Further to this, COs are well within their perogative to amplify exisiting regulations and orders through RO, SOs, and SOPs. If the CO of a unit says that any personnel going out of area (such as flying all the way to Toronto from Calgary on a weekend) are required to obtain permission from their chain of command fill out a leave pass, then that is a legal order and you can suffer the consequences if you choose to ignore it.


----------



## Eye In The Sky (27 Nov 2015)

George Wallace said:
			
		

> Obviously not a "Cold Warrior" and more of the "Barrackroom Lawyer".    [Xp
> 
> [



OR someone who thinks (all) leadership should follow the policies in place.  Otherwise, I am disobeying instructions in the QR & 0.  Our job is to follow and enforce official, published policy, whether we agree with it, or not.   :2c:


----------



## CountDC (27 Nov 2015)

interesting reading to say the least.

We use MM for leave passes and export to the outlook calender.

What I haven't seen anyone mention here is the unit recall status.  For example I am currently on a 72 hour recall notice so my unit should be able to reach me within that period.  If that gets shortened then the recall process is initiated to notify everyone they are now on a 24 hour recall (or whatevery it is changed to).  I always thought 72 hour was the norm status for everyone in the CF and was why we used to submit leave passes when leaving the local area for weekends.  Once contact is made the time to get in is as fast as you can but at XXXXhr as the latest based on your situation.

Unit cell phones and duty phones are not the same thing and you have to be careful about mixing them up.  A duty phone means that - you are on duty and should be answering anytime it rings.  I believe there is a little blurb in the leave manual on duty phones that warns units about them as you can not be on duty 24/7 (and no we are not paid to be, we are paid to be available 24/7 with work hours assigned based on a 40 hour work week (I know - HA)).  Unit cell phones can be given out (I have one) so if they have to call you then can but you don't have to jump and answer.  I let mine go to the messages if outside work hours and check it occassionally for messages.  Basically it replaces our home/pers cell phone with a phone number the unit can give out to everyone and will be the same for every person that fills your position (I get posted, my replacement will have the same contact number).

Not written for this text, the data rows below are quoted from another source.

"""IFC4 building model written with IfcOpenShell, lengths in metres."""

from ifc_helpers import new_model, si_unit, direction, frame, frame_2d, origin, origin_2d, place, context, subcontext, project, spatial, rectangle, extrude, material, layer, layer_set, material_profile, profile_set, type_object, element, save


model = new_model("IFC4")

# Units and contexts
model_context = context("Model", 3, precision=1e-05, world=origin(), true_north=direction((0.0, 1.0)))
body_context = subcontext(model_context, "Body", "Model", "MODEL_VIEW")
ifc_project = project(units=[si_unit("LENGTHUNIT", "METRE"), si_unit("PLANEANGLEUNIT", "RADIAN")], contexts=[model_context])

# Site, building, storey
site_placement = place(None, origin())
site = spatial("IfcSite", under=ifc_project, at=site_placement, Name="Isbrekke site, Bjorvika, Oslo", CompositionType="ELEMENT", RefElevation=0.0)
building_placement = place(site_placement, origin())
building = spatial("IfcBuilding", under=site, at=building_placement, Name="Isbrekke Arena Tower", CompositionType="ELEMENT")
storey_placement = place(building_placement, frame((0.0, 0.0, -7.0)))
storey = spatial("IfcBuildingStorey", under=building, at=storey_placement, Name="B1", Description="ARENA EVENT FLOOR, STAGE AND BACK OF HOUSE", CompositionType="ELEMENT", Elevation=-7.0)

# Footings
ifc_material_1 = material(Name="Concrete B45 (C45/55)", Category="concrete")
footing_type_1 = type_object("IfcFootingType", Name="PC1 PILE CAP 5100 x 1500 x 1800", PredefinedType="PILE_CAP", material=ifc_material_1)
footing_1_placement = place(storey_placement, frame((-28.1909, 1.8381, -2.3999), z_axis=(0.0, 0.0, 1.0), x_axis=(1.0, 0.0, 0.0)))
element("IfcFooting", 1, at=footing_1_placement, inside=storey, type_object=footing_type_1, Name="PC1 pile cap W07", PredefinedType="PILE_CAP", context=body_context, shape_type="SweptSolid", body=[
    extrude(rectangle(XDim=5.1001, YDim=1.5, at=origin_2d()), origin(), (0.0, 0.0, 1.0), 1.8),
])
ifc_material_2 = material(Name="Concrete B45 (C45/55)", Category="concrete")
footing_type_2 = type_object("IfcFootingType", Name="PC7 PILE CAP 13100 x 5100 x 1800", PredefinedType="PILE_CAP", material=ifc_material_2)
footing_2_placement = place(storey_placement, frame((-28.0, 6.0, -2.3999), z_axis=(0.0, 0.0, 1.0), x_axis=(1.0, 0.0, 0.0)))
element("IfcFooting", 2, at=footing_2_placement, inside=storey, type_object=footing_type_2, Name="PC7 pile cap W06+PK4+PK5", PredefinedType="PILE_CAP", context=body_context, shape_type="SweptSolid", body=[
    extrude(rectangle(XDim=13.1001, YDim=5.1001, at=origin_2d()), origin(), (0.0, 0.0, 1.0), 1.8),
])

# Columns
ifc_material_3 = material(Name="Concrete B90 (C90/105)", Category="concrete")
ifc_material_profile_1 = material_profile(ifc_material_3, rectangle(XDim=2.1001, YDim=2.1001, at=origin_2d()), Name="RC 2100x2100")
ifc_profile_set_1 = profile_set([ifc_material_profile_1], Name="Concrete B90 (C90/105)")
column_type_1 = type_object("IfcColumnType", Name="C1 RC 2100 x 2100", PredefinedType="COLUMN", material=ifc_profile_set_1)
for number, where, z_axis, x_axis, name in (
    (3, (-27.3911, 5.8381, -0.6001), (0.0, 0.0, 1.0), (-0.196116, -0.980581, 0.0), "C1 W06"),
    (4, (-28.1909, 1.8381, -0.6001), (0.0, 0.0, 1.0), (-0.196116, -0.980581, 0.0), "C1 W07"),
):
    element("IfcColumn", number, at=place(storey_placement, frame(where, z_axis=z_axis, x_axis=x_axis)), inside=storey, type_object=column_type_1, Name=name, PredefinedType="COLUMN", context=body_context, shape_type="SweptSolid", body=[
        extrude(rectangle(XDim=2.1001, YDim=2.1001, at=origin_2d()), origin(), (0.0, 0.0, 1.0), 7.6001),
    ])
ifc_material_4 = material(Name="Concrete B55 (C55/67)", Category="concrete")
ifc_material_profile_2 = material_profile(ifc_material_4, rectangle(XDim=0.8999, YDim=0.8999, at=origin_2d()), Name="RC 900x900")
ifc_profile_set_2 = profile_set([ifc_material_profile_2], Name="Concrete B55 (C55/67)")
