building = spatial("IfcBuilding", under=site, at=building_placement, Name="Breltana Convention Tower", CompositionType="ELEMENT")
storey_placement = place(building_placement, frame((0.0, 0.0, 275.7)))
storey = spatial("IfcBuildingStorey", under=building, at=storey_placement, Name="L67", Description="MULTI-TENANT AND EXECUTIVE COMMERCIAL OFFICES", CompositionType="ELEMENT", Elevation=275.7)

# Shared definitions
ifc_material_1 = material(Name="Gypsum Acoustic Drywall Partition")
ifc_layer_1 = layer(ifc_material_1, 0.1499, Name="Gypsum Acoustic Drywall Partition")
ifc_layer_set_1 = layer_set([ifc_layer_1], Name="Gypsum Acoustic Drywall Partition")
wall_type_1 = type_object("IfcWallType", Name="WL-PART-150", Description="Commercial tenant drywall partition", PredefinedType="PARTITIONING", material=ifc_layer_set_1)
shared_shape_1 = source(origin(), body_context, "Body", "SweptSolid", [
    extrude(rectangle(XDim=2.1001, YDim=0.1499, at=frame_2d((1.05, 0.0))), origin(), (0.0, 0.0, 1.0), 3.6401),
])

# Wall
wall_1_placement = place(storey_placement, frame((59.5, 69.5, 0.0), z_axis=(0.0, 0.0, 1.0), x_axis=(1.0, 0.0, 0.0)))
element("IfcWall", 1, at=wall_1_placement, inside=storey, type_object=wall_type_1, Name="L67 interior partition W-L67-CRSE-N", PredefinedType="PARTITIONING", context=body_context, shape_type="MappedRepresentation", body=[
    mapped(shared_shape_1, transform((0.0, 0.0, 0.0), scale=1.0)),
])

Regulations such as QR&Os can be expanded on by the C of C as long as it does not take away entitlements so if your boss says the policy for your section is leave passes will be submitted there is no issue there.


----------



## Eye In The Sky (27 Nov 2015)

Lumber said:
			
		

> Further to this, COs are well within their perogative to amplify exisiting regulations and orders through RO, SOs, and SOPs. If the CO of a unit says that any personnel going out of area (such as flying all the way to Toronto from Calgary on a weekend) are required to obtain permission from their chain of command fill out a leave pass, then that is a legal order and you can suffer the consequences if you choose to ignore it.



But it's already covered in a published MANUAL approved by the CMP, who is also the development/approving authority for leave for the entire CAF.  That MANUAL  states:

2.1.04 Weekends and Holidays

Weekends and Holidays are included on Form CF 100 when they form part of a leave period in conjunction with other types of leave that are reckoned in working days. A CF 100 is not required for a member proceeding exclusively on weekends and/or designated or other holidays, except when:
•when travelling to a foreign country, or to a country other than the one where the member is employed;
•when travel benefits are requested (eg. LTA); or
•when required for ration accounting purposes for members authorized to draw rations on a continuous basis.  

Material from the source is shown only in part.